Monday, September 28, 2009

Tech Tip Tuesday: Watch your PC on a TV

When I need advice for some particlularly tricky tech tip, I often check out The tech tips are really useful and I can subscribe to them as an RSS feed in my email in box or other feed reader.  Recently I came across this post which they give permission on their site to repost as long as you give them credit.  So, Credit duly given.  Kudos as well and check it out.  Watching your PC on a TV

How to Watch Your PC on a TV

By Bryan Lambert - September 6, 2009

Pull Quote 233Many people have purchased large screen flat panel televisions over the last few years and one of the cool by-products of having an HDTV is many will have a plethora of inputs that will allow you to view your desktop computer quickly and easily right on your television. Some of the geeky pleasures of having the ability to output your computer to a TV are showing off videos or photos on the big screen, and using it as a very large work or gaming screen. In this Tech Tip, we are going to look at some quick and easy methods for viewing your computer's output on your television (these tips work great for projectors as well).

What you will need:

The quick, cheap and basic way to get a computer to show up on a TV is to plug it in. If you have a desktop pc, you may be able to use the cable that you have right now going to your monitor. If you have a notebook computer, you’ll need to buy an additional cable(s).

Here’s the common inputs you’ll see:

This is the tried and true connector that we have seen on computers, well almost forever. This is the connector that nearly every HDTV will have. Sure you may not get the resolution you need, and it can’t play back protected content (think Blu-Ray movies), but it is quick and simple to use.

Some computers have it, some don’t – but S-Video is also a quick and easy way to get the computer screen working on the TV. The nice thing about S-Video is that it will many times work on standard resolution TVs if you still have one hanging around (the resolution is not that good, but it's a nice way to show off pictures).

DVI Cable
DVI is a terrific format to use, not only because it can support very high resolutions, but also because it can support full resolution HDCP protected content (High Definition movies such as found with Blu-Ray). Because the signal is digital (VGA isn’t), you also tend to get a much better looking picture than you would than with VGA. The cable can cost more, and it doesn’t carry audio (you’d need a separate audio patch cable for that), however the next cable on our list does.

HDMI Cable
For hooking a computer to an HDTV, this is definitely the way to go for many people because it's one cable that carries both video and audio, it supports HDCP protected content and high resolutions, and is relatively inexpensive. One drawback is that while many laptops have an HDMI connector, many desktops do not – so you’d need to add that port yourself (usually through a video card upgrade).

Some companies, such as IOGear also offer wireless solutions for both video and audio. Wireless tends not to support the higher resolutions, but can be alot of fun to use.

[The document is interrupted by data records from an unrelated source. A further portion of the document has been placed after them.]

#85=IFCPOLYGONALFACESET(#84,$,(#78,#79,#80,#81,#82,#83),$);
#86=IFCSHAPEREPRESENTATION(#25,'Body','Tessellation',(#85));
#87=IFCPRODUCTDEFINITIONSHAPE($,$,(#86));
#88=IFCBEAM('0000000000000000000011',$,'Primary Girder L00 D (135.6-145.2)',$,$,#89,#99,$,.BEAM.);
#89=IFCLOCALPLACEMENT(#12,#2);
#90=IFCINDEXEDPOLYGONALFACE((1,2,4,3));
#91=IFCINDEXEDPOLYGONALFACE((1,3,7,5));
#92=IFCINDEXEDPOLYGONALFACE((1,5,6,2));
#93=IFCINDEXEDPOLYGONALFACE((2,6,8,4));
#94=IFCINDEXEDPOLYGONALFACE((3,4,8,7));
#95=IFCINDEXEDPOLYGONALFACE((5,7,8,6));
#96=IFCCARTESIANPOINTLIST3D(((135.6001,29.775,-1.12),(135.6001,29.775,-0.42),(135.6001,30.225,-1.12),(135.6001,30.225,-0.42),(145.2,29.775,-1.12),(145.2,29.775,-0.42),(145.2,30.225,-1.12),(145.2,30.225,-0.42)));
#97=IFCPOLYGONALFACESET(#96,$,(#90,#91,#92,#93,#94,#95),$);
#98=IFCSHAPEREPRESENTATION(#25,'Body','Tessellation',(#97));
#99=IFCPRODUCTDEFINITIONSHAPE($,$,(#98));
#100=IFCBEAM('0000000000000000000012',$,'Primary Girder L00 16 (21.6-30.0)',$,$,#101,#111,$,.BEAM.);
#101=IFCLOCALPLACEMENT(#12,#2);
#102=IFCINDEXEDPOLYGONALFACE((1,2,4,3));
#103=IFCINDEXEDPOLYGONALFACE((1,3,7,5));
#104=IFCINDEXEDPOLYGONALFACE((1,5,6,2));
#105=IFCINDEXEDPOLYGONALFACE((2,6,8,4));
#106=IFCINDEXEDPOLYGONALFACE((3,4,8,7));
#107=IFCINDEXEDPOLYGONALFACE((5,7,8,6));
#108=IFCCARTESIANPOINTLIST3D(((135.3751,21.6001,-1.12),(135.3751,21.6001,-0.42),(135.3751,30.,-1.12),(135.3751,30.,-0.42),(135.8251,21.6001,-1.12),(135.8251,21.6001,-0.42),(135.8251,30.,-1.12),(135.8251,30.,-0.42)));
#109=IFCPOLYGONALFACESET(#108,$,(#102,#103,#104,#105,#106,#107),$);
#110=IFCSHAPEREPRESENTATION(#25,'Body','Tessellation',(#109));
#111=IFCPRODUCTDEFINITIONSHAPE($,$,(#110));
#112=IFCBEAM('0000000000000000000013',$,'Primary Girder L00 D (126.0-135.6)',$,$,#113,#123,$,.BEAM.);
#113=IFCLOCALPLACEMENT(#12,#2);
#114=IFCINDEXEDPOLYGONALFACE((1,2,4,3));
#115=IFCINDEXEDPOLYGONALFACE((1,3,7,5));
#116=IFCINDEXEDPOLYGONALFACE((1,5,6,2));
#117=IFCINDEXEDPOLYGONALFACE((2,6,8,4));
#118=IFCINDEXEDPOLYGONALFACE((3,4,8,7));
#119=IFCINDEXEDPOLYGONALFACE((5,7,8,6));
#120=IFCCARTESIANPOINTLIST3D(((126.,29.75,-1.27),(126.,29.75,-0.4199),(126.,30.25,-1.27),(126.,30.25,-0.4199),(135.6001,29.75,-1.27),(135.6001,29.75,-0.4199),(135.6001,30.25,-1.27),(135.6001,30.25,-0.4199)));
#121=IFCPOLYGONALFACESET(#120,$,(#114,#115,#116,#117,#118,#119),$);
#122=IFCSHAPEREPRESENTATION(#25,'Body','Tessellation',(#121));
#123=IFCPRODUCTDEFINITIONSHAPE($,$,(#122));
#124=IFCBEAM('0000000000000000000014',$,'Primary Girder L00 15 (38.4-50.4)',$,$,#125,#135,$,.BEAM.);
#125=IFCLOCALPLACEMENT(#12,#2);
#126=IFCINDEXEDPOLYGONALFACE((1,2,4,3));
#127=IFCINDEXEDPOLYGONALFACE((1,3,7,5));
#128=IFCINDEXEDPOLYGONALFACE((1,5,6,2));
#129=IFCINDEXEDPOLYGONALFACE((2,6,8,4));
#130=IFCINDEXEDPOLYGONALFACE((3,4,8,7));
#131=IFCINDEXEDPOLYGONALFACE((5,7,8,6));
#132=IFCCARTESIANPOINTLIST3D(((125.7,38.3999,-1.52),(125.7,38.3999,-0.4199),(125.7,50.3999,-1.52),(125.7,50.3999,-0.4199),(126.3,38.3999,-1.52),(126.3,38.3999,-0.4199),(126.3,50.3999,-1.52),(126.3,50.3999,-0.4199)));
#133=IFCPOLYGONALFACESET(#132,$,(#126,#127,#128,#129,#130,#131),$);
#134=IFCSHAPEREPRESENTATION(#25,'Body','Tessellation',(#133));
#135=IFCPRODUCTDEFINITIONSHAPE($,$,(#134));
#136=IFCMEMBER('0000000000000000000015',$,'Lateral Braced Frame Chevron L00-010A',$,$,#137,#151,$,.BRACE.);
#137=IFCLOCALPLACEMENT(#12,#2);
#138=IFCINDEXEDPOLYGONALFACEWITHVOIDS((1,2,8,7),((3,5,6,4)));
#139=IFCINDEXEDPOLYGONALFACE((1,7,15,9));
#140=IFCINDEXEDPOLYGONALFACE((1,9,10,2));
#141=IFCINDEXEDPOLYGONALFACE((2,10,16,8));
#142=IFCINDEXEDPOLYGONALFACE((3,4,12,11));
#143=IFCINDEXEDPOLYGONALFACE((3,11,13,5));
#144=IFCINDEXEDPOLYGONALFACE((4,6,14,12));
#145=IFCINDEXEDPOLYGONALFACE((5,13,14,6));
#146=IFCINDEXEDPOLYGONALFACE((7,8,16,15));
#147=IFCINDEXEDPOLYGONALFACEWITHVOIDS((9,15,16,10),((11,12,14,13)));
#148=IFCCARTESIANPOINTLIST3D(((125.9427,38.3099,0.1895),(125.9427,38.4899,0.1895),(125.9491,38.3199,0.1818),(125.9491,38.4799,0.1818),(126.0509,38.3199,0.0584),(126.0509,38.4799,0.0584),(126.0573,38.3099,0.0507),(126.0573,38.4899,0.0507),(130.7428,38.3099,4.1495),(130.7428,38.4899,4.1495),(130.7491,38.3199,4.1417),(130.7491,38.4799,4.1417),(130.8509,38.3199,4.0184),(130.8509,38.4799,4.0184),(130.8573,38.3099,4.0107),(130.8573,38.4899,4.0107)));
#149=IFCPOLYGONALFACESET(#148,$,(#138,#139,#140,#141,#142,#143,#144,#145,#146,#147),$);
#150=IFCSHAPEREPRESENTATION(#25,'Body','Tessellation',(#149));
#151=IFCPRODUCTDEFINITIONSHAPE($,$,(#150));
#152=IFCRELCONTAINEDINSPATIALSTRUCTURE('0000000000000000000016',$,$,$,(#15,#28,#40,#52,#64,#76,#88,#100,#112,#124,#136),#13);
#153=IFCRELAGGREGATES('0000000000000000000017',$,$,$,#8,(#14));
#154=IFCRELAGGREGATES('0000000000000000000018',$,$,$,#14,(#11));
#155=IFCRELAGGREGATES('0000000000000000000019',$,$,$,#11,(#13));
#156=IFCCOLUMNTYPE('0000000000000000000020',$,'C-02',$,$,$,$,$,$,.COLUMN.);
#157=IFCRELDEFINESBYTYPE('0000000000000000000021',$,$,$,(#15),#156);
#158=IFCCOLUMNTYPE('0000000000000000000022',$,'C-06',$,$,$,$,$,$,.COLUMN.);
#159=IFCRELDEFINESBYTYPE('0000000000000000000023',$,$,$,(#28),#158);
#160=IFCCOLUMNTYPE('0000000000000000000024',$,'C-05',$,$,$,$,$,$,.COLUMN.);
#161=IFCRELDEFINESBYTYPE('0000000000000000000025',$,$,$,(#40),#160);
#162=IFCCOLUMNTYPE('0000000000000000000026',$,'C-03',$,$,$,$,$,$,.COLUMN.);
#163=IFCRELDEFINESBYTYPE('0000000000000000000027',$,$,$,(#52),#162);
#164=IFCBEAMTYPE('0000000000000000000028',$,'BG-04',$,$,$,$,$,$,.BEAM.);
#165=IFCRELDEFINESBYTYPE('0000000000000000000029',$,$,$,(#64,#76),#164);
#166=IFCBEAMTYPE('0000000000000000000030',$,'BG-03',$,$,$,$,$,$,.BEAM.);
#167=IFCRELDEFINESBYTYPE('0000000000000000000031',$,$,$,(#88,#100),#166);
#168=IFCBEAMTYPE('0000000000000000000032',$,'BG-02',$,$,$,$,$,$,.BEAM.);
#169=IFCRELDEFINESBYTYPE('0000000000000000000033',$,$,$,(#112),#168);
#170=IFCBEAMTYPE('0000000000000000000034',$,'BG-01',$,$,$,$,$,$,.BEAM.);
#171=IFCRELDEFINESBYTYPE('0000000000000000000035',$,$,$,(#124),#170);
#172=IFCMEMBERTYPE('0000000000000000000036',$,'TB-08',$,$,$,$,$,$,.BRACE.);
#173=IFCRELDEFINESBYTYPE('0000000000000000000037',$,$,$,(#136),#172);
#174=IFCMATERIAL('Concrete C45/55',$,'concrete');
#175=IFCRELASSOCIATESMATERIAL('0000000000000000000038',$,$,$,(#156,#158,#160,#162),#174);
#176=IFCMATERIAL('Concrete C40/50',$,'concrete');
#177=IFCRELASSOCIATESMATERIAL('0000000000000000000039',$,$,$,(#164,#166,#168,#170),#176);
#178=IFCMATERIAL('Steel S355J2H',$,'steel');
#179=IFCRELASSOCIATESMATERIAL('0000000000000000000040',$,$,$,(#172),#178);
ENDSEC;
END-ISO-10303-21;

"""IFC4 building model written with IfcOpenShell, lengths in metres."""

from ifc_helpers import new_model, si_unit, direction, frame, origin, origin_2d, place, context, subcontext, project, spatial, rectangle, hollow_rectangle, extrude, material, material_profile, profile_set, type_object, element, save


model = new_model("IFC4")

Some common caveats to look out for:

  1. You need to go into your video card “control panel”, use a function key or go into the video card properties to set up the computer for “dual monitor use” if you have a laptop or are leaving your main monitor connected if using a desktop. For TV display, most people just choose to “mirror” the display (same image appears on both monitors).

  2. Unless you are using HDMI, you’ll need to run a separate audio cable for audio through the TV.

  3. The highest resolution you can display is what can be supported by both the TV and the video card (it is just like a big monitor after all).

  4. For Blu-Ray protected content, you’d need to set your output to the HDTV only – it will not usually display on both TV and monitor (you may also need to set the audio out to SPDIF for Blu-Ray movies to get the audio on the TV as well).

  5. Some laptop computers tend to “lose” the audio capabilities of HDMI when using drivers not designed for the unit (even if it is a “recommended” update from your computer automatic updates).

  6. You may need to “play” with the TV’s aspect ratio to make the computers output “fit” properly to the TV screen.

  7. Be sure that you set the source on your TV to match the input you are using on the computer.

  8. Make sure that the cables are plugged in all the way – it’s really easy for a cable to slip out “just a little”.

In Conclusion

roomWhether you want to show off some photos in a slide show or use your Entertainment PC for use as a Blu-Ray player, hooking up your computer to a HDTV is a great way to use your HDTV to its full capability. So fire up the PC, plug it in and let the fun begin!